Routine coagulation assays like PT (INR) and aPTT are in general more sensitive in the detection of hypocoagulability rather than hypercoagulability. This is because their reagents contain very high concentrations of clotting activators and the end-point of these tests (clot formation) does not accurately depicts the whole coagulation process. The case of FV Leiden, however, is particular, because aPTT is used to detect it, provided it is performed in the absence and presence of standard amounts of exogenous activated protein C (APC) and an APC-sensitiviy ratio is then calculated.
i found another answer but indeed more details about this to confirm the normal of this test.(
In factor V Leiden, patients have a point mutation in the factor V gene that produces a mutated factor V (it’s called factor V Leiden because this mutation was first described in Leiden, Netherlands). It turns out that this mutated factor V participates just fine in the coagulation cascade. The problem is that it can’t be turned off by protein C! The mutation in factor V Leiden just happens to be in one of the sites where protein C cleaves (and therefore inactivates) factor V; so in factor V Leiden, cleavage at that site doesn’t happen, and factor V “lasts” longer. So the mutated factor V just keeps working, even when the body is sending signals to stop making fibrin.
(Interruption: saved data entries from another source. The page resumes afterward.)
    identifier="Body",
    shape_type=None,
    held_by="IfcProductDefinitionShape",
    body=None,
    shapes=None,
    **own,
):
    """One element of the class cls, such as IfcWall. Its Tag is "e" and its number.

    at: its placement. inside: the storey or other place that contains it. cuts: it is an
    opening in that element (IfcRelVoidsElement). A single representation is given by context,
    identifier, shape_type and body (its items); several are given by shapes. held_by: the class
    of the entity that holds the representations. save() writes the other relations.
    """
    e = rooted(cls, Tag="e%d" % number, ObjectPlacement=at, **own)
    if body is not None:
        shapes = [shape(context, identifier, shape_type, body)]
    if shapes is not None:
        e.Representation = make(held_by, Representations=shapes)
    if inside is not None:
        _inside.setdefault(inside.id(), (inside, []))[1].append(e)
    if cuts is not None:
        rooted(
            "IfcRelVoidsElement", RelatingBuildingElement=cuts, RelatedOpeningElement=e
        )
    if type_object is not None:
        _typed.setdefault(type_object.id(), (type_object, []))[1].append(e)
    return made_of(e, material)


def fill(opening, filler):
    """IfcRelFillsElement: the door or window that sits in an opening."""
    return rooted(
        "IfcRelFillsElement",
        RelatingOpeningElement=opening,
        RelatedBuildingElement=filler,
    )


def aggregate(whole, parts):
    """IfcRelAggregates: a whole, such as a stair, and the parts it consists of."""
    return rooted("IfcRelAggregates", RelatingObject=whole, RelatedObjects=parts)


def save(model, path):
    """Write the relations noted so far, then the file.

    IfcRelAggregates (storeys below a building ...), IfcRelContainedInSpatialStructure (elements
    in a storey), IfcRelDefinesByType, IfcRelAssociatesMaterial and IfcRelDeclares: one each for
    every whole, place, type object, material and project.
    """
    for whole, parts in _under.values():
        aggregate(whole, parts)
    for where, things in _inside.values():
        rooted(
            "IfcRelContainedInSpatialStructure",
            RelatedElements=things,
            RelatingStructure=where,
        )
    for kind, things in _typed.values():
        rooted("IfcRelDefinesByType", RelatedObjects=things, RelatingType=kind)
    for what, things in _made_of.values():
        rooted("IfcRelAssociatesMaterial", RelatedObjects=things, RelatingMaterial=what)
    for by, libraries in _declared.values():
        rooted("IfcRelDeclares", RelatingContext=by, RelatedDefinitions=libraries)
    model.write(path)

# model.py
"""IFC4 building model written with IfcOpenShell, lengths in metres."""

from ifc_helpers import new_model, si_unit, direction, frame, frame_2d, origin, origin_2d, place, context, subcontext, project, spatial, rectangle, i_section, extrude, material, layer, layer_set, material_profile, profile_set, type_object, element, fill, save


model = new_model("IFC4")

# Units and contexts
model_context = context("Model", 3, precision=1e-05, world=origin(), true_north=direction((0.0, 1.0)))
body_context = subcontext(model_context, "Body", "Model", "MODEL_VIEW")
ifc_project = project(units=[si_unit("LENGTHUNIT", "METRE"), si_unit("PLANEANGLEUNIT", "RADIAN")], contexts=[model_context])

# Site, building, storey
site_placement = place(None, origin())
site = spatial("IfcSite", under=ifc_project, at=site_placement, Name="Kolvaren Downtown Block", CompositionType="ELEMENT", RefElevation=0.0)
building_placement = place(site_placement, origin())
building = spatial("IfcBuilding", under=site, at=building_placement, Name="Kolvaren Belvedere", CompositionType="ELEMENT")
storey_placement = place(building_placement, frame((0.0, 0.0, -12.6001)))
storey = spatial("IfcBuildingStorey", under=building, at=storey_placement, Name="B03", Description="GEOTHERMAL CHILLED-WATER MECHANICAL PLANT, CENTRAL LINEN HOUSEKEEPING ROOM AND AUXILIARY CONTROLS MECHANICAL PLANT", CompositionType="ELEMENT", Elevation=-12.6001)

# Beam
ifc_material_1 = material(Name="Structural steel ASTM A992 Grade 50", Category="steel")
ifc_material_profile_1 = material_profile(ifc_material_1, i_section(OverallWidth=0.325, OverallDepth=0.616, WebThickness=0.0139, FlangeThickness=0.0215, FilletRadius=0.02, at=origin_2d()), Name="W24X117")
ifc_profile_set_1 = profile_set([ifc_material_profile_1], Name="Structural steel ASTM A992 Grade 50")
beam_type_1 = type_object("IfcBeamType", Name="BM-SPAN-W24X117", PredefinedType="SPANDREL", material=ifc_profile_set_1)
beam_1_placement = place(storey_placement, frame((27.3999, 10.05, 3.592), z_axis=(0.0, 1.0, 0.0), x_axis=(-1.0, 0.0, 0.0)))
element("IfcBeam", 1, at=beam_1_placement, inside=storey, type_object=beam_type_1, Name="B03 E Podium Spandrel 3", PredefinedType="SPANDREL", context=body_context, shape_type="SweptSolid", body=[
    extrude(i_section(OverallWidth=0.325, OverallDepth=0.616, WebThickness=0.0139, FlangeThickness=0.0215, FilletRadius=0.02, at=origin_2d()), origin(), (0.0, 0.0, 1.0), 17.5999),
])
Back to the lab tests. The INR and PTT are normal in factor V Leiden because the patient with factor V Leiden makes fibrin at the same rate as a person with normal factor V. It’s just that later on, when the body tries to turn factor V off, the factor V Leiden patient will keep on making fibrin. Neither the INR nor the PTT measure this; in fact, no routine coag test measures it (they all just measure the time it takes to make fibrin).
PT and APTT are blunted assays. Plasma is unphysiologically hyper-activated to yield about 1-10 IU/ml thrombin. Ultra-specific chromogenic thrombin generation assays are the future in coagulation testing.
Factor V Leiden produces resistance to APC, the best measure to approximate to FVL is the levels of PC and APC, not the INR, PT or PTT, if you want a exactly measure of FVL you should do a q-PCR . This is the major problem in the treatment of patients with FVL, they have a risk of hypercoagulation but they don't have an specific measure that evidence the risk (all of the measure and indirect and no necessarily specific of FVL)
aPTT performed in the absence and presence of APC is the screening test to detect APC resistance. Once APC resistance has been confirmed, a genetic test will determine if such resistance is due to the Leiden mutation of FV. To my knowledge, levels of PC or APC do not relate to FVL, neither they can be used to hint at the presence of FVL.
If you want to increase sensitivity and specificity of APC testing in an aPTT-based assay (in presence and absence of APC), a predilution of the sample in FV deficient plasma may be used. This eliminates the influence of FVIII, Protein S, Heparin and most of the Lupus anticoagulant related disturbances (and so on).
The prothrombinmutation leads to an unaltered prothrombin molecule as the mutation is not translated into the protein sequence. PT usually reflects the average of FVII, FX, FII (and depending on the reagent FV) +/- 5% (in Germany we like to express PT and factor concentrations in [% of norm] and here you see one reason why). The concentration of prothrombin is somewhat increased compared to non-carriers. There might be (actually is) an effect on PT but it is smaller than the natural variation in a normal population. The latter also applies for the aPTT assay.